東ティモールに来て10年がたちました。日々いるだけで日本人滞在記録を更新しています。「じゃあ、東ティモールのことは何でも知っていますね」と言われるのがとても怖い。

聞かれて困る質問のひとつに、「東ティモール料理ってなんですか?」というのがあります。ないはずはないのに即座には出てこない。当ホームページ「ジャフナダイアリー 〜スリランカ漁村生活〜」にはスリランカ北部の食文化がレシピ付きで掲載されていますが、同じものを東ティモールから発信してくださいと言われると2日でネタが尽きます。街中にある気軽な食堂はほとんどインドネシアの影響を受けたものだし、ティモールの女性たちが腕を振るって作る晴れの日の食卓は、料理名を聞くとどれもポルトガル語だし。

有名なもので魚を香辛料と一緒にバナナの葉に包んで焼いた「saboko(サボコ)」という料理があります。これは主に沿岸の漁師町で売られています。水田のないマウベシのような地域で主に食されるトウモロコシは、もぎたてを茹でて食べるのは旬だけ。普段は保存してあるトウモロコシの粒をはがし木臼で搗いて豆類やカボチャの茎と一緒に煮込み、塩や唐辛子を好みでかけて食べます。その名も「batar dan(煮トウモロコシ)」。そのまんま!です。

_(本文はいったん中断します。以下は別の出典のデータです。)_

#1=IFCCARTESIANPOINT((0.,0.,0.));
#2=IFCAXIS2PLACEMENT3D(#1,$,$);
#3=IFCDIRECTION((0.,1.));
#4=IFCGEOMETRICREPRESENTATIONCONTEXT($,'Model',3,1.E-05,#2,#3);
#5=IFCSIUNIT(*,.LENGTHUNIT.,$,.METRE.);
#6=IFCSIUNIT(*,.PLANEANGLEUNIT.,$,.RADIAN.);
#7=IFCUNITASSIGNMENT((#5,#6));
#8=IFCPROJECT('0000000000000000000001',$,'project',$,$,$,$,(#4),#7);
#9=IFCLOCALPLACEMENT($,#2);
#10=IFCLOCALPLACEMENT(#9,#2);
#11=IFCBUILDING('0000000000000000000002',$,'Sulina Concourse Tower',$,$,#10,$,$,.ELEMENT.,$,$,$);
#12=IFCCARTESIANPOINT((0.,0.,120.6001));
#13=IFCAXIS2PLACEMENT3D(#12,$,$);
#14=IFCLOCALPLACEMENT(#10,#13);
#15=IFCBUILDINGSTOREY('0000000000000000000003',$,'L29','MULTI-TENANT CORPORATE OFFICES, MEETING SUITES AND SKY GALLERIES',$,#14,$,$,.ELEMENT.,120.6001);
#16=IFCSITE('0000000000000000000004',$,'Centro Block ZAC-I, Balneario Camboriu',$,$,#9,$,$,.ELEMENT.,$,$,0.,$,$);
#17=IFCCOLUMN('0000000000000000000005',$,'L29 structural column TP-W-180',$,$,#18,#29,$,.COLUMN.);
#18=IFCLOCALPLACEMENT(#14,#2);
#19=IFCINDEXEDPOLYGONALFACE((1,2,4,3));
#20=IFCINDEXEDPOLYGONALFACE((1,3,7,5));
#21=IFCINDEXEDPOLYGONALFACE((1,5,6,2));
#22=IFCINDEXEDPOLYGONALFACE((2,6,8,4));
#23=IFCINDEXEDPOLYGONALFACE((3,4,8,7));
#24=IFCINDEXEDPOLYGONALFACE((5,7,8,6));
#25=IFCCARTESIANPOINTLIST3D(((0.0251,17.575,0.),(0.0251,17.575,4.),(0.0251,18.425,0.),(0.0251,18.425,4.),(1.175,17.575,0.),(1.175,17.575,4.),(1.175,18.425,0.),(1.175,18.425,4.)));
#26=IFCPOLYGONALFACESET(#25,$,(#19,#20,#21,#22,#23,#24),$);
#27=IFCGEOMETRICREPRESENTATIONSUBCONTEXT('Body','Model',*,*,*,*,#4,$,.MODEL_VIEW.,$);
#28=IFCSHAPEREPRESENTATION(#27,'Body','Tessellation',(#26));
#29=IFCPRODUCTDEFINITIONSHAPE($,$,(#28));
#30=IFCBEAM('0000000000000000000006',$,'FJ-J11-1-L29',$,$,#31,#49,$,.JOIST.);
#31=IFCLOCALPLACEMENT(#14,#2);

日本料理を代表する天ぷらや寿司、味噌汁のように広く一般に食されている「東ティモール料理」とは?――そんな疑問が頭にあって、ときどき、食卓に「これは?!」と思うものが出ると記録に残しています。これから折を見て、その「東ティモール・グルメ」シリーズをお届けしたいと思います。東ティモール料理と呼べるのかどうか知らないので東ティモール・グルメと称します。一般家庭で日常的に食されているもので、そしておいしいです。「煮トウモロコシ」のように料理名というのがなく、ただ野菜の名前で呼ばれていたりします。また家庭によって調理の仕方が違ったりするかもしれません。

一番のおススメ料理「クラウル(klaur)」

前置きが長くなりましたが、1回目の今回ご紹介するのはわたしの一番のおススメ「クラウル(klaur)」です。暑い地域で自生しているというクラウル。苦〜い葉っぱを酸味の強いゴレンシと一緒に長時間(3カップほどの水が煮詰まるまで)煮込みます。途中でかき混ぜすぎると苦みが出るので放っておくことがコツです。ドロドロに煮上がった様子はまったくおいしそうに見えませんが、口に入れると程よい酸味と何ともいえない舌触りでやみつきになります。東ティモールでは物価が激しく上昇しており、野菜も急ピッチで値上がりしている昨今、クラウルは一山25セントとお手頃価格なのもうれしいです。わたしは1ドル分を料理しても物足りないくらいですが、一般的にはおかずというより付け合せ程度に出されます。


1. これがクラウル。雑草みたいです。

2. 材料はクラウル、ゴレンシ、エシャロット、塩、油

3. この状態で煮込むこと1時間弱…

4. できあがり!見た目を裏切るおいしさです。